The Catholic Church says that its moral views on this date from the early church, from long before the Schism.

Well, so they say.

A Pole  posted on  2018-05-22   1:20:07 ET  Reply   Untrace   Trace   Private Reply  


#82. To: A Pole (#81)

Well, so they say.

Yes, we DO say. And you fellows in Eastern Orthodoxy say that your way of doing things is the way it has always been. And in truth, documentary evidence of both positions existing simultaneously exists.

Which REALLY means that the Church was never actually united way back then, it was just so spread out and had such greater issues pressing that these differences that have always separated East and West did not come to the forefront for about a millennium.
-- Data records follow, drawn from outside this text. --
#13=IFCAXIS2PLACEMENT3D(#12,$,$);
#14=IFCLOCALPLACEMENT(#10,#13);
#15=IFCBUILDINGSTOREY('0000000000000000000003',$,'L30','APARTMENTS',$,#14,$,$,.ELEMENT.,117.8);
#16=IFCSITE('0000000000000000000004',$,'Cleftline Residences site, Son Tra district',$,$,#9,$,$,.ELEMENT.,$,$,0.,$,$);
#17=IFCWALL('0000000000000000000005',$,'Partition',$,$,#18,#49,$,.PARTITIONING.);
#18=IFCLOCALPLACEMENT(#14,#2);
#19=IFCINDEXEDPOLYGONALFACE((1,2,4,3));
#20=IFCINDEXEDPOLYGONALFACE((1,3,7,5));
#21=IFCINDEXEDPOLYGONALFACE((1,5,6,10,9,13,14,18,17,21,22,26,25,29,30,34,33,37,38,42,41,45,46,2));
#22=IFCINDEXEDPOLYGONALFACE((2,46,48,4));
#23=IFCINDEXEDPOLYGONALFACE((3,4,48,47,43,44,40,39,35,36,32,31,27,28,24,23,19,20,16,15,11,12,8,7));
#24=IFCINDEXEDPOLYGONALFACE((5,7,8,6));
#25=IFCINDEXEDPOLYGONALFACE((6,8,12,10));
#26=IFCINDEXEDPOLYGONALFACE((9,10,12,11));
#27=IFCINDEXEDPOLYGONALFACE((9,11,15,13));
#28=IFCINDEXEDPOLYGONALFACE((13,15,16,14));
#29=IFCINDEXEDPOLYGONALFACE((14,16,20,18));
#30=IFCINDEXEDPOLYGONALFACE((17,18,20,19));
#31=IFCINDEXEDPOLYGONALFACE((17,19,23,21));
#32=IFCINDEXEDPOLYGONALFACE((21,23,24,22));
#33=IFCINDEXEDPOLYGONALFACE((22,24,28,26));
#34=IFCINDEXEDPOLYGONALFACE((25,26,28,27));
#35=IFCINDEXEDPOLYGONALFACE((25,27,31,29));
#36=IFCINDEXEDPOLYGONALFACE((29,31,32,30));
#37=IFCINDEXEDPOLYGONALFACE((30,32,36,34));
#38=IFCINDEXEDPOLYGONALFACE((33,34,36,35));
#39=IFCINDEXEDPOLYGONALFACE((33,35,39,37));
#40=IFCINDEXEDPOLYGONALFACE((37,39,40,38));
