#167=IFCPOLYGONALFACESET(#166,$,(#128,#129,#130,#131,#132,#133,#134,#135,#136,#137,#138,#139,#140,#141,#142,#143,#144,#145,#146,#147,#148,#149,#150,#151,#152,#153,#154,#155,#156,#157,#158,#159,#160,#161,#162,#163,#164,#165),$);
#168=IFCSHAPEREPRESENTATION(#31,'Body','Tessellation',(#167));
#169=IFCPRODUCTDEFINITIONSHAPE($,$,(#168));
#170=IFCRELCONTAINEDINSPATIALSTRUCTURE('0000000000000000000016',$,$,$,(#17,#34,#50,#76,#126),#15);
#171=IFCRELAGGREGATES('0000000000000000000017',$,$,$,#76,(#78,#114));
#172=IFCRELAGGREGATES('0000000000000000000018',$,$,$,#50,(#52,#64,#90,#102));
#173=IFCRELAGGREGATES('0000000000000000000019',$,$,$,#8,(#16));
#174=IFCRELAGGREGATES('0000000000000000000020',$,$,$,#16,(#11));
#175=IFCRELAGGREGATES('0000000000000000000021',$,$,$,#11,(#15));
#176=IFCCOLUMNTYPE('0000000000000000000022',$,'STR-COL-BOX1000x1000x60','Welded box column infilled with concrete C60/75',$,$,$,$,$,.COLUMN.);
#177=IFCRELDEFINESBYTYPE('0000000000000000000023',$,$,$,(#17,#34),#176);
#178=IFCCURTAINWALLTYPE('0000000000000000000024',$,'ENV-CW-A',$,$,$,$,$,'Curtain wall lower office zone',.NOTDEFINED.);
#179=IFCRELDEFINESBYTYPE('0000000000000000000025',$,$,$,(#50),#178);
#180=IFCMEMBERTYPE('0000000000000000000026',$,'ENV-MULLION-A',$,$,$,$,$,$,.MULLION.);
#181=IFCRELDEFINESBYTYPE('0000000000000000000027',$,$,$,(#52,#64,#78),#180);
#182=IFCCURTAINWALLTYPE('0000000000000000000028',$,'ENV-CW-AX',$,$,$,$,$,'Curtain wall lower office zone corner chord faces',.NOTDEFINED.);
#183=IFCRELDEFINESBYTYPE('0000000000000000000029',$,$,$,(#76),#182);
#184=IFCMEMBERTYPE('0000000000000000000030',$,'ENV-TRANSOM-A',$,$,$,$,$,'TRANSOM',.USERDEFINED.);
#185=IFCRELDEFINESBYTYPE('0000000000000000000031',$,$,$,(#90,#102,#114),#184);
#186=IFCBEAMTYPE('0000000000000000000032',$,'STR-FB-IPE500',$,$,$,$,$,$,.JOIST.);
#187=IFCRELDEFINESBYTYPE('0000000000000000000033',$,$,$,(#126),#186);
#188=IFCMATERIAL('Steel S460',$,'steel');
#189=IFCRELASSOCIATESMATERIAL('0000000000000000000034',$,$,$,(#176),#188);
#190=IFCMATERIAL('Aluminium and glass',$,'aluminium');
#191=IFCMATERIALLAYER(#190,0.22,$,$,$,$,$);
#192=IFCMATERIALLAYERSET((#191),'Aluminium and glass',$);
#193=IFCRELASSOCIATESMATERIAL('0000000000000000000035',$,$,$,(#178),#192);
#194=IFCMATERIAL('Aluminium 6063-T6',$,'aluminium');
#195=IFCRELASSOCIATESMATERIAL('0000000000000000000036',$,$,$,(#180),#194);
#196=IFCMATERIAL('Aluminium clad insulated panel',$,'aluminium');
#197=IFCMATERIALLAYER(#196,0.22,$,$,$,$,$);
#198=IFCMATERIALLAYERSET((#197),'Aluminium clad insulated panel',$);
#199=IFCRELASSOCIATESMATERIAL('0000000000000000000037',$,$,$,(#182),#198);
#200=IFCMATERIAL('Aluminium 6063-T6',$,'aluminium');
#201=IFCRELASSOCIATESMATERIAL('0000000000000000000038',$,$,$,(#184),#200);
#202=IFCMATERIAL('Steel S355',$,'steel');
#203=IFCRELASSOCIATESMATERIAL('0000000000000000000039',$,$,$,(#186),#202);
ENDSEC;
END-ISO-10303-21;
When they did, and Europe was stable enough that Christians could fight about these differences that were always there, they did fight about them, and each claimed - truthfully - that THEIR way of doing was "original".

There hasn't been REAL Christian unity in belief or doctrine since the beginning. The Acts of the Apostles are full of the contentions of the Apostolic generation, and it never got better than that afterwards.

Neither the Catholic NOR the Orthodox Churches would ever want to admit THAT, so each goes on believing itself to be authentic and original, which is actually true, but each considers all other ways to have "fallwn away" from the original purity, which each asserts they alone represent. And that is patently false.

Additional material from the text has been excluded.